Fostering a strong culture
Within an organisation – to manage risk or anything else – requires making tough decisions. And the best decisions are often those which have been subjected to scrutiny. By comparison, cultural weakness can often occur when people are all thinking the same or if decision-making goes unchallenged. Recent problems at Toshiba, which led to its Chairman resigning suddenly earlier this year, have been attributed in part to governance and weakness of culture where decisions went unchallenged.
Put simply, a diverse set of perspectives is a good thing when it comes to governance. Particularly when managing risk. One important reason for this is that risk does not just pose threats. It can also pose real opportunity. Having a range of viewpoints on risk gives you a greater chance of spotting both the threats and the opportunities.
How men and women perceive and respond to risk
Research we conducted for our 2017 Women in Business report found that men and women approach risk, and perceive the likelihood of risk, differently. Contrary to what many might expect, it is men that see greater levels of risk in their business environments, and are more likely to jump to action on these risks. In comparison, women overall see lower levels of risk when considering aspects of organisational and commercial life such as political or economic change, and see lower levels of opportunity in these changes.
Neither approach is right nor wrong. What would be wrong is to have risk managed by a team dominated by one gender. That team would miss the benefits of different perceptions of and responses to risk that men and women typically offer.
To have only men running companies could leave them susceptible to a risk myopia. And yet, many companies are run purely by men. In fact, our research found that over a third of businesses globally – 34% - have no women in senior management roles at all.
From a risk perspective this is, well… plain risky.
Inclusivity and diversity
A key component of managing risk, strengthening culture, and therefore the overall governance, of an organisation is both inclusivity and diversity. So how can firms maximise the ability of their management teams to govern, foster the right culture, and manage risk?
Firstly, build mixed gender teams for effective risk management. We have found that men and women perceive and manage risks differently. Both approaches are vitally important. Companies that fail to bring women to the table or vice versa will jeopardise their long-term growth.
Secondly, provide women with leadership opportunities that make them familiar with risk. Nurturing diverse future leaders requires confidence-building early in people’s careers. Provide young women with on-the-job experiences, exposing them to the process of risk management and – where appropriate – involving them.
Thirdly, create a culture where taking calculated risks is part of a successful business strategy, not something to avoid. Creating cultures that clearly communicate the organisation’s risk appetite and avoid blaming people can help bridge the confidence gap, and allow people to ‘lean in’ and embrace risk.

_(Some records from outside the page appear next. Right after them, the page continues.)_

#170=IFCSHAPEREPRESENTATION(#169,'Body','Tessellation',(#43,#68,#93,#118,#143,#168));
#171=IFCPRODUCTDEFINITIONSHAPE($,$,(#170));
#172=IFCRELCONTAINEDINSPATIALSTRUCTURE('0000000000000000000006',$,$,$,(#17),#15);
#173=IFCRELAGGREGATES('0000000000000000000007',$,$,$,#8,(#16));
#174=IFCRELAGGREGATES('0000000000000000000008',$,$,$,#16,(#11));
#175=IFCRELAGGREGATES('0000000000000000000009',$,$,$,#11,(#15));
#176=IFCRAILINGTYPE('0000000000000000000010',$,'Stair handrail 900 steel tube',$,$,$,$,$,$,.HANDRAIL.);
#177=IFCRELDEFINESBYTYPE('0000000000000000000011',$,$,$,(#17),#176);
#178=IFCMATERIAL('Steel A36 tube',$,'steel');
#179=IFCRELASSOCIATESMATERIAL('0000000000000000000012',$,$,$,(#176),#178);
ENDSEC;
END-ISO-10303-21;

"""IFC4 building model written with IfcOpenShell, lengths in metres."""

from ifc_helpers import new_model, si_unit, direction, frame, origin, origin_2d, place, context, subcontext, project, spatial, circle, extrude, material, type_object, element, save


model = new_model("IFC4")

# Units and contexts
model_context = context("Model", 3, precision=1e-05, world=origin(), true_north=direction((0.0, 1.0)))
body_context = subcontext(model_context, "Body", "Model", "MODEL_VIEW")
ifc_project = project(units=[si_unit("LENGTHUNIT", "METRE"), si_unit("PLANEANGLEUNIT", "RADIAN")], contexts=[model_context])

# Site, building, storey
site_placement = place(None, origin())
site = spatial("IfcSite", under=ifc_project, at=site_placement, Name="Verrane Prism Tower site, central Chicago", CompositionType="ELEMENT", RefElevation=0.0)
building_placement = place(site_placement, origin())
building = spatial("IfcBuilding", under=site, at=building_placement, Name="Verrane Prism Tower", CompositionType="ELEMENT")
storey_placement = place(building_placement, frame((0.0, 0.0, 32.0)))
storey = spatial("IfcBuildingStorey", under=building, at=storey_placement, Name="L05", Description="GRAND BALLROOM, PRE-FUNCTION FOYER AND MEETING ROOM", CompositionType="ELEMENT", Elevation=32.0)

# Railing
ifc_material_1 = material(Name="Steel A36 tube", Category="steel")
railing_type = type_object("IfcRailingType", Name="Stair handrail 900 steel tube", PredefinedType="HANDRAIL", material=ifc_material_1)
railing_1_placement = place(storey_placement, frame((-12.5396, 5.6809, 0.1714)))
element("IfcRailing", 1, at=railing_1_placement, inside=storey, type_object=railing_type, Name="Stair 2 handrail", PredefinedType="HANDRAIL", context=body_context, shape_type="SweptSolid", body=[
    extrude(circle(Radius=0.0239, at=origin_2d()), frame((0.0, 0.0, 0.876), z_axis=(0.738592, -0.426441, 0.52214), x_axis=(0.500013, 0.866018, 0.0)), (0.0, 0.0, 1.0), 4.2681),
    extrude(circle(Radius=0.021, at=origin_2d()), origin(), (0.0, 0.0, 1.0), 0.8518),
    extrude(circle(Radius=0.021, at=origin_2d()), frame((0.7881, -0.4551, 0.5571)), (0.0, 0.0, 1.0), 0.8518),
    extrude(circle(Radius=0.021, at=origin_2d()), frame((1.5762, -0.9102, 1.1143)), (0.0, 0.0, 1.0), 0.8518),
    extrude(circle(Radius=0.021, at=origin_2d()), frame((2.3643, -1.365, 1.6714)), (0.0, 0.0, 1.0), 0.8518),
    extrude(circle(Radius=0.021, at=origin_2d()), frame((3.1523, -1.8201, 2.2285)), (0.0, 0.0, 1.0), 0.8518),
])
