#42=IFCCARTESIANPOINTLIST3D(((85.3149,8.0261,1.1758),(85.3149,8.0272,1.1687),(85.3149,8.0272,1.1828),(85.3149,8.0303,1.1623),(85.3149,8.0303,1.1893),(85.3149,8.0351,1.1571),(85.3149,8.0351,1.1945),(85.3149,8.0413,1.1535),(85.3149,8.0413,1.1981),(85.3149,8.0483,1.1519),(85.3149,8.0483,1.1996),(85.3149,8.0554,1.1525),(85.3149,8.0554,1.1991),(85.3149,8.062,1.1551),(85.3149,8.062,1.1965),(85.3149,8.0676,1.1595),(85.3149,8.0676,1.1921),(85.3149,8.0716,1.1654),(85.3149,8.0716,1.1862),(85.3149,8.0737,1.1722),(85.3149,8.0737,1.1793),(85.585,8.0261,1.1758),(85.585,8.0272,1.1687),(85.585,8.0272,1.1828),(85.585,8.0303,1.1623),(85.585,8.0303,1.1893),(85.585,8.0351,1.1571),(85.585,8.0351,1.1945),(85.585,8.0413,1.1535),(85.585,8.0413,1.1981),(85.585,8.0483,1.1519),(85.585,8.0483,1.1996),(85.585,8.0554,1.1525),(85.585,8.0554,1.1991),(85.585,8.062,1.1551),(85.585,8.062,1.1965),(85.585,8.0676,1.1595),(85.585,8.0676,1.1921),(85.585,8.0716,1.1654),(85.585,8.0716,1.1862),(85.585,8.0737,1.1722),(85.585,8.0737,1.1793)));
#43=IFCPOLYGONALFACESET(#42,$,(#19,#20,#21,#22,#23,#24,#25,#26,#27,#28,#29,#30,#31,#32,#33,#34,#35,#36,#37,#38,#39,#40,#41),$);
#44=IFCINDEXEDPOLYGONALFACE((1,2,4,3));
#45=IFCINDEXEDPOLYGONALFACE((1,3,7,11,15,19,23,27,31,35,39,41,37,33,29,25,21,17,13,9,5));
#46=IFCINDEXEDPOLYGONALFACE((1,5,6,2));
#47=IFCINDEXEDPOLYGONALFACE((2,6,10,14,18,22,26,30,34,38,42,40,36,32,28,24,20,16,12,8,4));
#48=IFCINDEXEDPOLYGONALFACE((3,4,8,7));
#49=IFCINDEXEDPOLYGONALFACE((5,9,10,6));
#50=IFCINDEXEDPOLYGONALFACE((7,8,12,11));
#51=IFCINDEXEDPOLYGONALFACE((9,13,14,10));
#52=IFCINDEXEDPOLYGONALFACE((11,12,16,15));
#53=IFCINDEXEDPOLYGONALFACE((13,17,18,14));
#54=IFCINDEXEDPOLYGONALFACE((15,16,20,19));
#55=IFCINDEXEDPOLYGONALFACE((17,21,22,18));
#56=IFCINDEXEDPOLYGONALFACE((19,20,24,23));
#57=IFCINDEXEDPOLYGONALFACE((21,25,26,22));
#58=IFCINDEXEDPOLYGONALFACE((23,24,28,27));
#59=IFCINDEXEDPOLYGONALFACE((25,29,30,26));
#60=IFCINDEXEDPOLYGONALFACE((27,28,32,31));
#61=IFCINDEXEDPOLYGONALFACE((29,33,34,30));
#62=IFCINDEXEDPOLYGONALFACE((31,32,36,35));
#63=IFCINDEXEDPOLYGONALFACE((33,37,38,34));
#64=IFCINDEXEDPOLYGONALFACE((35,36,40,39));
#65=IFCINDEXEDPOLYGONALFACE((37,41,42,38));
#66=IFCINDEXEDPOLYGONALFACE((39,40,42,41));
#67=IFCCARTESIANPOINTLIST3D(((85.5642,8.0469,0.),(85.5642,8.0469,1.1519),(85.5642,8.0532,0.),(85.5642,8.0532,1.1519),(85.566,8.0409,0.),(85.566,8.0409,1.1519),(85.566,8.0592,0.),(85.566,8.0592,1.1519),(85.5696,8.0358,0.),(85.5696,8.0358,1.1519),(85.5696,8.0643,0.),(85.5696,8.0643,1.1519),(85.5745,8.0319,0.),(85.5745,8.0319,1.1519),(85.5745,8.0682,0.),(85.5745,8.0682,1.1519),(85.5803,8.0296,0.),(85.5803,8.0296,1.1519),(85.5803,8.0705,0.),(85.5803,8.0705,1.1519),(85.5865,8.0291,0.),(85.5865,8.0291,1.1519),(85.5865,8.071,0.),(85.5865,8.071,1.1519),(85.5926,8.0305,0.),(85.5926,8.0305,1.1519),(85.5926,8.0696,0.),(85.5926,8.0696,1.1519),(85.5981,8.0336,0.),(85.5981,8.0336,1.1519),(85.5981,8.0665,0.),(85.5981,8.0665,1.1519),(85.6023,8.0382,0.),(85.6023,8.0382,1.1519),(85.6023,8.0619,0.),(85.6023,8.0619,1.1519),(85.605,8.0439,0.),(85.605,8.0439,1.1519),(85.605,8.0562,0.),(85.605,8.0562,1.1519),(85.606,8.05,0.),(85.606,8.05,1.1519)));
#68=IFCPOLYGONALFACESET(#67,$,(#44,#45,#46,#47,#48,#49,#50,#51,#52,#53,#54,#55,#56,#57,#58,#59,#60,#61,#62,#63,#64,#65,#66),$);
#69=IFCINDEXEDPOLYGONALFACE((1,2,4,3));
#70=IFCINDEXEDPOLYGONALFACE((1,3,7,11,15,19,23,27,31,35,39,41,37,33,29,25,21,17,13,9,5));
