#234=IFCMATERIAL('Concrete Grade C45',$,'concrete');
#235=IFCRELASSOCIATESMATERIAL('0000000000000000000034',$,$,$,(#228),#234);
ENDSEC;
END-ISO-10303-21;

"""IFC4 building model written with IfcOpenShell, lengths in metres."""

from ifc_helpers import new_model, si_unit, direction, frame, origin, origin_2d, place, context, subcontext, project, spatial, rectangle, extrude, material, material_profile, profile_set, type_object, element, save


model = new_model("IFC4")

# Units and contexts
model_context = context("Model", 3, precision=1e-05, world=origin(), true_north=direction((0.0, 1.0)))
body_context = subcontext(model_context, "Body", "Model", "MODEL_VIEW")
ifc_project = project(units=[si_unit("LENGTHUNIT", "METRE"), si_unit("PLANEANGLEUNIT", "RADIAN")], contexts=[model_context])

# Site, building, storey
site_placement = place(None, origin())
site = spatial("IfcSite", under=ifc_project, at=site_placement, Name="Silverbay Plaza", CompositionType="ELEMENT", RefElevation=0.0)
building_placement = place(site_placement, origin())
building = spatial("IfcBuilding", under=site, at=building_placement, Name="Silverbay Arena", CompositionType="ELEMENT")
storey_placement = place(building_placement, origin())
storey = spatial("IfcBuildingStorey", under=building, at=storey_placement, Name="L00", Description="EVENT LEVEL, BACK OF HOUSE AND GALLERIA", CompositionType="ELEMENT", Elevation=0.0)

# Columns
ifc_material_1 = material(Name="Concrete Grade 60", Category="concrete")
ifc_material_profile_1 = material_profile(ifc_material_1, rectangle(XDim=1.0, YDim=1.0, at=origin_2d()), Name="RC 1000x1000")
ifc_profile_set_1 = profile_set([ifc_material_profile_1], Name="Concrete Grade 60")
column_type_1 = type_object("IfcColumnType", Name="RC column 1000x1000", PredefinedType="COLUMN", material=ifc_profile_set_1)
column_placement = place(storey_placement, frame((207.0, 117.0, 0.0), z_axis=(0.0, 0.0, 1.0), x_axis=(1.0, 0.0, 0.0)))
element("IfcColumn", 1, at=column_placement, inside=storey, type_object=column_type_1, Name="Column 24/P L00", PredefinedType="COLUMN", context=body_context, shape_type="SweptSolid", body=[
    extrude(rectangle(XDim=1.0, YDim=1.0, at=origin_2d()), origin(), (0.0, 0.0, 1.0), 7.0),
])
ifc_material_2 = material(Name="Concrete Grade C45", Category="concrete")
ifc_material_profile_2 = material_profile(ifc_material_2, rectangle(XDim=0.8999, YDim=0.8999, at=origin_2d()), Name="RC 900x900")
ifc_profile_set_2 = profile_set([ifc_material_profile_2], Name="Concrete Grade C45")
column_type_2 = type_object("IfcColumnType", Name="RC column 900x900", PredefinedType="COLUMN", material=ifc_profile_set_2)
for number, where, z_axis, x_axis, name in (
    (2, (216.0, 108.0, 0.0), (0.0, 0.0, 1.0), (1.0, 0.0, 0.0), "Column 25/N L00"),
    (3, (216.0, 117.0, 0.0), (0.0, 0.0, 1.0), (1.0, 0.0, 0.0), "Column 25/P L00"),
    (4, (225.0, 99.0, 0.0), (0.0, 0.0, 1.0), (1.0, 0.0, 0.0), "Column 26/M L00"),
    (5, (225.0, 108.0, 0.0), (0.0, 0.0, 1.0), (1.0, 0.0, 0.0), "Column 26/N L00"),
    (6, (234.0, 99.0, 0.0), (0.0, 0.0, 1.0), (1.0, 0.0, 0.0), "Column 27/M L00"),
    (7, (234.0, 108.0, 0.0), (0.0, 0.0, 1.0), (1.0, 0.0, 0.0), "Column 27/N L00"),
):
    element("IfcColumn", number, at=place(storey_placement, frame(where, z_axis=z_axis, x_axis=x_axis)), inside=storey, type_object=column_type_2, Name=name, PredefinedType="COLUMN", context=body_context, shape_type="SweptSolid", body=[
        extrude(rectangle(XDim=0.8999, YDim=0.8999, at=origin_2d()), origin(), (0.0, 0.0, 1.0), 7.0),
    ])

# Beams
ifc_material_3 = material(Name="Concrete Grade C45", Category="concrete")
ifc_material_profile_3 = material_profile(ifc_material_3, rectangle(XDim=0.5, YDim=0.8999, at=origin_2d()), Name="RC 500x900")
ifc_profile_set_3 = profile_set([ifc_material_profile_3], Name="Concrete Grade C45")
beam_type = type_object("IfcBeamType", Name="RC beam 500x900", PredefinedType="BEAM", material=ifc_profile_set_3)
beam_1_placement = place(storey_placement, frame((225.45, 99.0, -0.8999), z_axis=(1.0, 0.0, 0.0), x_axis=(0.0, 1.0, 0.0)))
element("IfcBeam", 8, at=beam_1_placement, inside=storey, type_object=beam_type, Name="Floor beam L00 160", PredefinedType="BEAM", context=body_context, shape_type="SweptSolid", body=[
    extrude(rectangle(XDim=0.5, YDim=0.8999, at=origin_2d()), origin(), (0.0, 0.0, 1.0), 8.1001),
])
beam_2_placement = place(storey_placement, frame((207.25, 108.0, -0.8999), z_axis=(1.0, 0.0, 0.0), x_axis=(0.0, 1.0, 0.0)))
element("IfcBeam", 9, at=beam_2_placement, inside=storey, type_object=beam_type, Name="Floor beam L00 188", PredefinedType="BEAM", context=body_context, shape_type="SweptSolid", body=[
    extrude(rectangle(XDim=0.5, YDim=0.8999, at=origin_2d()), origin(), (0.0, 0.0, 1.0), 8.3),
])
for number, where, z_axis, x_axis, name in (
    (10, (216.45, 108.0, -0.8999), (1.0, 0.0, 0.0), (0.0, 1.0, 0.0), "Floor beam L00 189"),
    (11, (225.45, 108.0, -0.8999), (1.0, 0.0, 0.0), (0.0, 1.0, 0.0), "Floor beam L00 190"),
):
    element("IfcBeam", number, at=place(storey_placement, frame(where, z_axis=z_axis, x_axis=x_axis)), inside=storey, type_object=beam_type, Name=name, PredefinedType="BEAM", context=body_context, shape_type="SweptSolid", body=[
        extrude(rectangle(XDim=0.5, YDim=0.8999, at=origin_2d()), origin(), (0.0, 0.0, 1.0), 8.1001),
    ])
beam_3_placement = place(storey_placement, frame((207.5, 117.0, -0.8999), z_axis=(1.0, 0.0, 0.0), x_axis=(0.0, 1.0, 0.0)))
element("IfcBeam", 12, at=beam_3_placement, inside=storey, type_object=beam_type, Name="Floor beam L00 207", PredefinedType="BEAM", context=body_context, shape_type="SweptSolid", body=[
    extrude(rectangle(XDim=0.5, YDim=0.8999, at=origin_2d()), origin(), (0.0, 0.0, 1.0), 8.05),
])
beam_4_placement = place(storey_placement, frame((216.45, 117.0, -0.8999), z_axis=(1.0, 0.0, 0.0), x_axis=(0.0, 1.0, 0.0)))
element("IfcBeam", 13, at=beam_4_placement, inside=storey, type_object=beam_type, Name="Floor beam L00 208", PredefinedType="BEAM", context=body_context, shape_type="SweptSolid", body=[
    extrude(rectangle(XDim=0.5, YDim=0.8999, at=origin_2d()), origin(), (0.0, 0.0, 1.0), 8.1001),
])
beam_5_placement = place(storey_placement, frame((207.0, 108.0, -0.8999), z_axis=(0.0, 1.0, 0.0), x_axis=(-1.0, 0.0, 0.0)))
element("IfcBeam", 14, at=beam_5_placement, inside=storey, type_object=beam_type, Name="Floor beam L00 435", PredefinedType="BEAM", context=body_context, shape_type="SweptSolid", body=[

I’m not advocating we run companies exactly as House of Cards’ fictional President and First Lady run America. The lengths they sometimes go to in order to get their way have undoubtedly raised a few eyebrows and a few bodies strewn along the way! But their screen success is down to a mixed gender team which approaches risky situations differently, and combines those approaches to make a considered decision. Businesses that can take the good learning from this will be playing a strong hand when it comes to effective governance.